By default awk will split its input using spaces to separate each field, the main way awk gets its input is from a pipe from another program although it can read files itself. As an example here we are going to use some text from the output of the ifconfig program in Linux which displays information about the network cards in a machine. We’re just going to use the first line of the output here which is “eth0 Link encap:Ethernet HWaddr 00:50:BE:DD:76:CD”.

Now suppose we want to find out what the network interface’s name is (its eth0) in order to compare it to a variable we already have in our shell script (perhaps something we got from a user’s parameter). If we type “echo “eth0 Link encap:Ethernet HWaddr 00:50:BF:D7:77:CF” | awk ‘{print $1}’” we will get eth0 as our output. This is because awk is using spaces as field separators and is printing the first field ($1). Do not confuse $1 in awk with $1 in the shell script, they are different things. If we wanted to get the next word using space as our separator “awk ‘{print $2}’” would return link, “awk ‘{print $3}’” would return “encap:Ethernet” and so on.

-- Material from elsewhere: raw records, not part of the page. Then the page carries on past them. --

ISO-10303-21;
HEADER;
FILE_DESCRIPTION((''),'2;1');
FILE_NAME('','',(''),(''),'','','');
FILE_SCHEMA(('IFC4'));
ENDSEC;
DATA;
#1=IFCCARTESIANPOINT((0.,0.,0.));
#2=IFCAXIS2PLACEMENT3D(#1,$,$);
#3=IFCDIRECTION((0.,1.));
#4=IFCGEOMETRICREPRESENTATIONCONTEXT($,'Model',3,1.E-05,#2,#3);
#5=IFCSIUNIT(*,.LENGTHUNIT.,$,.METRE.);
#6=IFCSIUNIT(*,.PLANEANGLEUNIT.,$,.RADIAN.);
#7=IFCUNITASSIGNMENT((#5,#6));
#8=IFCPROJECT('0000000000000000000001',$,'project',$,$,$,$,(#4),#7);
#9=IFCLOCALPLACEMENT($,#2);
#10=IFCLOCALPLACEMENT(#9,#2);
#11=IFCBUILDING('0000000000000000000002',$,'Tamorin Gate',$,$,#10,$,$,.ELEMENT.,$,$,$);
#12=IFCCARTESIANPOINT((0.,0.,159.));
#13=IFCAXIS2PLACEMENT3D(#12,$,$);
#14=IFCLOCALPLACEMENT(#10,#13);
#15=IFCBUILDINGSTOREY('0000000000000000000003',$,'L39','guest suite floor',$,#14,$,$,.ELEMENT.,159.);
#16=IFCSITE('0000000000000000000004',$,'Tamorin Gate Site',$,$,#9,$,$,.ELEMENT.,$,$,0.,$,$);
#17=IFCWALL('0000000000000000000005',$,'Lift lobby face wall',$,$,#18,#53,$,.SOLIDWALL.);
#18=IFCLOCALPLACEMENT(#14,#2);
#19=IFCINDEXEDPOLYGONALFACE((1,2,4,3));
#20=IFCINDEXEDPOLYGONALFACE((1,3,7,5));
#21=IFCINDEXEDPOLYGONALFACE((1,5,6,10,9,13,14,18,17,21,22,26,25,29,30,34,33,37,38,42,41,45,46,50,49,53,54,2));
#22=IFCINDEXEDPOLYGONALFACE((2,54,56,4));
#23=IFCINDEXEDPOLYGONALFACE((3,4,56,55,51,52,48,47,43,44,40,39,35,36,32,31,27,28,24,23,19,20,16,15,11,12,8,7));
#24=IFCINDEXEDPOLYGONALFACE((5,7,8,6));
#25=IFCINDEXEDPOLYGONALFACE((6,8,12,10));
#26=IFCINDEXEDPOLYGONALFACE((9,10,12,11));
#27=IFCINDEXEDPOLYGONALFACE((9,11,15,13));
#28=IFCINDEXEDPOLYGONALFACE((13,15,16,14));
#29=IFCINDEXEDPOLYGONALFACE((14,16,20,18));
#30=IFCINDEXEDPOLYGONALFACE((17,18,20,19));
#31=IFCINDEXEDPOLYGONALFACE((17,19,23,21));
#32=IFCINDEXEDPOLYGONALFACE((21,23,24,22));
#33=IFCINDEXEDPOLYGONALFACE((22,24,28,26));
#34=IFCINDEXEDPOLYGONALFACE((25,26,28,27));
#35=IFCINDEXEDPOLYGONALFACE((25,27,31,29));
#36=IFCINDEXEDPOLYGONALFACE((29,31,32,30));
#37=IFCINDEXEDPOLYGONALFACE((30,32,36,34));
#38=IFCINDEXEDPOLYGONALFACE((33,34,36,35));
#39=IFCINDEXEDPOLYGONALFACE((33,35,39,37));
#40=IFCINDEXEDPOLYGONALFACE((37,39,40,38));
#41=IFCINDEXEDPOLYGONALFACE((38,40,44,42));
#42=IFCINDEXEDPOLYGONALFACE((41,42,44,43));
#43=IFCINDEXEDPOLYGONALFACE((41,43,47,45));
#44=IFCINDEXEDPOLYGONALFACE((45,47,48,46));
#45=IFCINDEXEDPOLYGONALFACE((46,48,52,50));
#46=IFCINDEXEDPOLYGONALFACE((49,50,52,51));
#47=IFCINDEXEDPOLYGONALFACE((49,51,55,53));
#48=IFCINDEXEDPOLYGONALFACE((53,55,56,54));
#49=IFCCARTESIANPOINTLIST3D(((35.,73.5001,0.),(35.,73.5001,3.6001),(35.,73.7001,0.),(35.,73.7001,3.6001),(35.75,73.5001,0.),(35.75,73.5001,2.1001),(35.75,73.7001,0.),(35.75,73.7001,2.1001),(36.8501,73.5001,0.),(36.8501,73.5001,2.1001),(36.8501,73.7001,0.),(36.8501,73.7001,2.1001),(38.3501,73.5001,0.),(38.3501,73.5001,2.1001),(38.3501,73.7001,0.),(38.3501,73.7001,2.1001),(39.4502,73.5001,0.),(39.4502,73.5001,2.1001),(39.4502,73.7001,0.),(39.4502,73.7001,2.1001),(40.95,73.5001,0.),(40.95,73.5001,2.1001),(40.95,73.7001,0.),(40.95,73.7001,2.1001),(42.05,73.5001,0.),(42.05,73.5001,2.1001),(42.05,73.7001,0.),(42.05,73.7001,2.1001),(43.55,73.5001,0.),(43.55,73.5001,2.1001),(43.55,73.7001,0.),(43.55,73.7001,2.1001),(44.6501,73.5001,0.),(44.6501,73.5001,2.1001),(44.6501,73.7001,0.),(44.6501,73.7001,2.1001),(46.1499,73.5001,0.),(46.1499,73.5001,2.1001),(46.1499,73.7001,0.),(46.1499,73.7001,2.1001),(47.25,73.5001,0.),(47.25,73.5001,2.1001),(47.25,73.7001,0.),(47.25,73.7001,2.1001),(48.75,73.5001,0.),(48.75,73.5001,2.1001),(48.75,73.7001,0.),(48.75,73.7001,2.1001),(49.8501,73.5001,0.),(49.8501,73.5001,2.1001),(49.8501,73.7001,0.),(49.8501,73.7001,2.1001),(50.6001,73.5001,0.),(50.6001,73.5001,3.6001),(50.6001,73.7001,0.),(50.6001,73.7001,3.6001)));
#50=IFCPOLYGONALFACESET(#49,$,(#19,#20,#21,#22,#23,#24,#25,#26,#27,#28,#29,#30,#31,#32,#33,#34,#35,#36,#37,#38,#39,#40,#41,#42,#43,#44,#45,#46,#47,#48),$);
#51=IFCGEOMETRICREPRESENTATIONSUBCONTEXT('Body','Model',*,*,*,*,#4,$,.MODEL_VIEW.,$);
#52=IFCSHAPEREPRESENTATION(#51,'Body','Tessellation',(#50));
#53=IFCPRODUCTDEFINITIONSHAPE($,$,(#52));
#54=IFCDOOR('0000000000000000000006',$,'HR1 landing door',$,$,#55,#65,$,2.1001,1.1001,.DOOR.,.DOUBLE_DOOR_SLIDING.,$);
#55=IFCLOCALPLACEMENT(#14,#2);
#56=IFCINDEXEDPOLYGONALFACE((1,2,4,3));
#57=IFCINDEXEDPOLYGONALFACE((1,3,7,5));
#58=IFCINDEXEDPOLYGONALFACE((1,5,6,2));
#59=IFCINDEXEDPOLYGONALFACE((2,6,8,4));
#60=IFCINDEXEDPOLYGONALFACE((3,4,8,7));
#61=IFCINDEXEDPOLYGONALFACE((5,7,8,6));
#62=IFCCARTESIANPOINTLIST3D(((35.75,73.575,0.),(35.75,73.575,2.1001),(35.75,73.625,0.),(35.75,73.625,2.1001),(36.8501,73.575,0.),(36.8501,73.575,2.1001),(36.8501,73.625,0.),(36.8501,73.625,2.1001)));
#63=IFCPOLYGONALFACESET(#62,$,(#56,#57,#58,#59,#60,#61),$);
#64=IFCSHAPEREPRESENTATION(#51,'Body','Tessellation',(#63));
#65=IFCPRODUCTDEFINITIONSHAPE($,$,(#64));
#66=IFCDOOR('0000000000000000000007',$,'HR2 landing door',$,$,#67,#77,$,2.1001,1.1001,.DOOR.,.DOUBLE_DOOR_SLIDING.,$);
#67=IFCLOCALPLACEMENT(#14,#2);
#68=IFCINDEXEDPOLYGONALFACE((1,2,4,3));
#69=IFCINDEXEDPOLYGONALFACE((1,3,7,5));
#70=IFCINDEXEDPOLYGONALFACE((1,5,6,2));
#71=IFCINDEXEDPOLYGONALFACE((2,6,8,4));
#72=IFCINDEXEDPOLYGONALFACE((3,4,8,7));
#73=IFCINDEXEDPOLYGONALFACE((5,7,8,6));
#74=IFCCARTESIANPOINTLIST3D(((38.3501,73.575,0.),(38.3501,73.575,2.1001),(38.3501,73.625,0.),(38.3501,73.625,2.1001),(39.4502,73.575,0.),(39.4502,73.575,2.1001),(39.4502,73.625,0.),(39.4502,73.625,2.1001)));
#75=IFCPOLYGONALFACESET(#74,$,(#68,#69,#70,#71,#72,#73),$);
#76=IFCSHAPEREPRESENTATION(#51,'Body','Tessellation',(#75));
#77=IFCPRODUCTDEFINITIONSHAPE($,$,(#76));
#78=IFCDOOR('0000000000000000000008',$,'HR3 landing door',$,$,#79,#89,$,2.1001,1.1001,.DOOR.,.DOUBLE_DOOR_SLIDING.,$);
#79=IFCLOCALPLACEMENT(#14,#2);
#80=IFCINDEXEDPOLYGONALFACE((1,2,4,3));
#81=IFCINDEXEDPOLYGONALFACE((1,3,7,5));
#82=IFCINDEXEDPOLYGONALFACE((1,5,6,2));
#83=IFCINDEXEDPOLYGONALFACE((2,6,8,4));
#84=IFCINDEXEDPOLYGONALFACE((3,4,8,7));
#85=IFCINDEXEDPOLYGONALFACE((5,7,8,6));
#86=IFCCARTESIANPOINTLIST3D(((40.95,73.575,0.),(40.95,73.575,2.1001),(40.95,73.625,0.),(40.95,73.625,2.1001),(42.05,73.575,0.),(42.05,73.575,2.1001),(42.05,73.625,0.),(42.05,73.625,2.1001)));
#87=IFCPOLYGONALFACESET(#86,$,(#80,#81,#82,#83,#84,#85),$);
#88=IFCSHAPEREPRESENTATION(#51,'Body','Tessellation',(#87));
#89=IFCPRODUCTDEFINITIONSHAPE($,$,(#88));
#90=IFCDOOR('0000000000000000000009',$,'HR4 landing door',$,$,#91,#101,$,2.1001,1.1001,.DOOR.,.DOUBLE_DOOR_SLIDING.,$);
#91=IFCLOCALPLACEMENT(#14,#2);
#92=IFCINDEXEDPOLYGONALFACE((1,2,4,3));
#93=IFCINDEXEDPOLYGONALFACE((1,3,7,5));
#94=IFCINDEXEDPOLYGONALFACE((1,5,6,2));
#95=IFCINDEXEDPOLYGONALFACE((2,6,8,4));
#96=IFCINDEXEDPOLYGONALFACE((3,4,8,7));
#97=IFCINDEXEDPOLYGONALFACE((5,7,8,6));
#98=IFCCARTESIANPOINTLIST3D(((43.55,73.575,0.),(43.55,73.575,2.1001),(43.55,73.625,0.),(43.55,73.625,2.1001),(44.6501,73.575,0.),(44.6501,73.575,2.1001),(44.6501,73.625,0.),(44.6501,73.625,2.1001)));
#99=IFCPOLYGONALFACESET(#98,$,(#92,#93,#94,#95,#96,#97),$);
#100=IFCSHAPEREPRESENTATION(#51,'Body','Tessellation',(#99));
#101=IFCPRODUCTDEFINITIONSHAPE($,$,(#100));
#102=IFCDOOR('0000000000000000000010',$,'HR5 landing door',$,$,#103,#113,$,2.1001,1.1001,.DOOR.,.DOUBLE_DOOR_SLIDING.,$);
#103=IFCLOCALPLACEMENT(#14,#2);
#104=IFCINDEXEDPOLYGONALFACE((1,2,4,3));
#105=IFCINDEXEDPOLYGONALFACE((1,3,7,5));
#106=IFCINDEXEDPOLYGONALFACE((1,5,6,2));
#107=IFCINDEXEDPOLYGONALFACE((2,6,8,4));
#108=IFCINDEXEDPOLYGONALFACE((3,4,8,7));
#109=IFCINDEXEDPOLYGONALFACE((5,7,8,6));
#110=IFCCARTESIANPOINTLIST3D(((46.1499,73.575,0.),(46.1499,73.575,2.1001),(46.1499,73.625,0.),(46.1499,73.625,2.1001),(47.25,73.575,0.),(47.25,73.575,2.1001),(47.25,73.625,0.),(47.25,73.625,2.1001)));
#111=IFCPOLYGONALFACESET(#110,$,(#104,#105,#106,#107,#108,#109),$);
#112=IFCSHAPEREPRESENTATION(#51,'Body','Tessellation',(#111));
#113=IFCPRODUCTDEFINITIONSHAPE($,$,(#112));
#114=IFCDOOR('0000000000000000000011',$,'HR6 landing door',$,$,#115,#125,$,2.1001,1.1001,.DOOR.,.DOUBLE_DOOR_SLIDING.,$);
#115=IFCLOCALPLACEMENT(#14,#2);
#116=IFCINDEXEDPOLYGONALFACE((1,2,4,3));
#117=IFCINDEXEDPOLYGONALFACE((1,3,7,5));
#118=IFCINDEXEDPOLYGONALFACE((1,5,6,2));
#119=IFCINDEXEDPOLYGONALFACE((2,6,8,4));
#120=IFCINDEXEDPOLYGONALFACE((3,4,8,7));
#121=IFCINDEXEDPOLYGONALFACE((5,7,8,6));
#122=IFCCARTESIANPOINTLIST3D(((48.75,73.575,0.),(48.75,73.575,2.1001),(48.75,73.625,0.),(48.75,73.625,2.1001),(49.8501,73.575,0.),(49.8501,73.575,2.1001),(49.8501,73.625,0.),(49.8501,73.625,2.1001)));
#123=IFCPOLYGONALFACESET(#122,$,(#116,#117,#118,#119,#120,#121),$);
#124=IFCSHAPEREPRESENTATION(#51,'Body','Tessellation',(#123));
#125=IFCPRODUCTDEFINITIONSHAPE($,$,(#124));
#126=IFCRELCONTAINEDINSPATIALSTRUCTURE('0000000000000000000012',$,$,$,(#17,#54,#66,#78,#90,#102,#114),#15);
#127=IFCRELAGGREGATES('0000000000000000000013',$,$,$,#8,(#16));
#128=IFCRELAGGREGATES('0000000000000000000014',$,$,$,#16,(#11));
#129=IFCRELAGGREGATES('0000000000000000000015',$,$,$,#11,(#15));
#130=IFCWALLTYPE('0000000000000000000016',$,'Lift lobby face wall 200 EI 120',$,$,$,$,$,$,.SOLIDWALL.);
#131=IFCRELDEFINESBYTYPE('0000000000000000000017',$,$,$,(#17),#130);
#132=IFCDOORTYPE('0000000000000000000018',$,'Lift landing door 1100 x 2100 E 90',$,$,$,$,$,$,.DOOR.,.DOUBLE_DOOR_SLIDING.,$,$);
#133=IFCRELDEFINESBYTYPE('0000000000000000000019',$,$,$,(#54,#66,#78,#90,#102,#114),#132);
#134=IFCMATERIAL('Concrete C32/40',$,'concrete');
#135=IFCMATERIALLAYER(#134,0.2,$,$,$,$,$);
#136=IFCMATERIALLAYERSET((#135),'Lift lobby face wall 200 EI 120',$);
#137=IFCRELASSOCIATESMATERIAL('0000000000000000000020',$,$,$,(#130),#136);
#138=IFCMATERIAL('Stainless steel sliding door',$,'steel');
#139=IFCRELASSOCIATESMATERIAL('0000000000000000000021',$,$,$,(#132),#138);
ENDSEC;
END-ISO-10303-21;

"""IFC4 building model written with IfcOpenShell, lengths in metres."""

from ifc_helpers import new_model, si_unit, direction, frame, frame_2d, origin, place, context, subcontext, project, spatial, rectangle, extrude, material, layer, layer_set, type_object, element, fill, save


model = new_model("IFC4")

# Units and contexts
model_context = context("Model", 3, precision=1e-05, world=origin(), true_north=direction((0.0, 1.0)))
body_context = subcontext(model_context, "Body", "Model", "MODEL_VIEW")
ifc_project = project(units=[si_unit("LENGTHUNIT", "METRE"), si_unit("PLANEANGLEUNIT", "RADIAN")], contexts=[model_context])

# Site, building, storey
site_placement = place(None, origin())
site = spatial("IfcSite", under=ifc_project, at=site_placement, Name="Tamorin Gate Site", CompositionType="ELEMENT", RefElevation=0.0)
building_placement = place(site_placement, origin())
building = spatial("IfcBuilding", under=site, at=building_placement, Name="Tamorin Gate", CompositionType="ELEMENT")
storey_placement = place(building_placement, frame((0.0, 0.0, 159.0)))
storey = spatial("IfcBuildingStorey", under=building, at=storey_placement, Name="L39", Description="guest suite floor", CompositionType="ELEMENT", Elevation=159.0)

# Wall, openings, doors
ifc_material_1 = material(Name="Concrete C32/40", Category="concrete")
ifc_layer_1 = layer(ifc_material_1, 0.2)
ifc_layer_set_1 = layer_set([ifc_layer_1], Name="Lift lobby face wall 200 EI 120")
wall_type_1 = type_object("IfcWallType", Name="Lift lobby face wall 200 EI 120", PredefinedType="SOLIDWALL", material=ifc_layer_set_1)
wall_1_placement = place(storey_placement, frame((35.0, 73.6001, 0.0), z_axis=(0.0, 0.0, 1.0), x_axis=(1.0, 0.0, 0.0)))
wall_1 = element("IfcWall", 1, at=wall_1_placement, inside=storey, type_object=wall_type_1, Name="Lift lobby face wall", PredefinedType="SOLIDWALL", context=body_context, shape_type="SweptSolid", body=[
    extrude(rectangle(XDim=15.6001, YDim=0.2, at=frame_2d((7.8, 0.0))), origin(), (0.0, 0.0, 1.0), 3.6001),
])
opening_1_placement = place(wall_1_placement, frame((0.75, 0.0, 0.0)))
opening_1 = element("IfcOpeningElement", 2, at=opening_1_placement, cuts=wall_1, PredefinedType="OPENING", context=body_context, shape_type="SweptSolid", body=[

Now suppose we want only the first 2 digits of the MAC address( the 00:50:BE:DD:76:CD bit), this can be done by specifying a : as the field separator. Field separators are specified by using the -F option to awk, separators can be a single character or several characters. So to get the first 2 digits of the MAC address we must first get the whole address from the original text. This can be done by getting field number 5 from the original input which will return 00:50:BE:DD:76:CD. We can now send this output to another awk process with a pipe in order to separate it out using a “:”, e.g. Echo “eth0 Link encap:Ethernet HWaddr 00:50:BE:DD:76:CD” | awk ‘{print $5}’ | awk -F: ‘{print $1}’” this will now return 00.

Sed
Sed is used to change the output of a program or file in some way. Sed is very useful for removing unwanted output or parts of output as well as actually making changes to files like configuration files. As with awk, we are generally going to want to use sed by piping input into it, although it can be told to read from a file. Sed works by taking an input line enclosed either by ‘ marks or by “ marks (it doesn’t matter which). The first thing after this is the choice of command, this is a one letter command. The most common command is probably s which means substitute, another common one is delete which will delete whole lines. This must be followed by a / which is then followed by the first argument to this sed command, if the command has another argument it is then followed by another / etc. The substitute command takes the format s/searchtext/replacementtext/

If we wanted to change the text “the quick brown fox jumps over the lazy dog” to “the quick brown ox jumps over the lazy frog” then we could use sed’s substitute mode to do this. For example if we use the command echo “the quick brown fox jumps over the lazy dog” | sed ‘s/dog/frog/’
then all occurrences of dog are replaced with frog. If we now output this to another sed command using a pipe then we can replace fox with ox: echo “the quick brown fox jumps over the lazy dog” | sed ‘s/dog/frog/’ | sed ‘s/fox/ox/’
This will produce the output: “the quick brown ox jumps over the lazy frog”
This use of sed will only replace the first occurrence of the specified pattern, this can changed by putting a “g” on the end of the command (this means global), for example: sed ‘s/fox/ox/g’
will replace all occurrences of fox with ox and not just the first.
Sometimes we don’t know the exact word we want to search for so we use what’s known as a regular expression to specify a pattern of text to match instead of specifying the exact text. Here is an example of the same use of sed but matching any word which ends with the letters og. sed ‘s/[a-z]og/frog/’.
So if we use echo “the quick brown fox jumps over the lazy bog” | sed ‘s/[a-z]og/frog/’
We still end up with “the quick brown fox jumps over the lazy frog”. The [a-z] bit means match any character between a and z once. If I wanted to match this happening multiple times there are several modifiers I can put at the end of the [a-z] to specify how many times I want to match the preceding pattern (which is in the last set of [ ]). Here’s a list of a few of these:

Modifier Meaning
* Match preceding pattern 0 or more times
? Match preceding item 0 or 1 times but no more
+ Match preceding item at least once.
{n} Match the preceding item n times
{n,} Match the preceding item n or more times
{n,m} Match the preceding item n or more times but less than m times.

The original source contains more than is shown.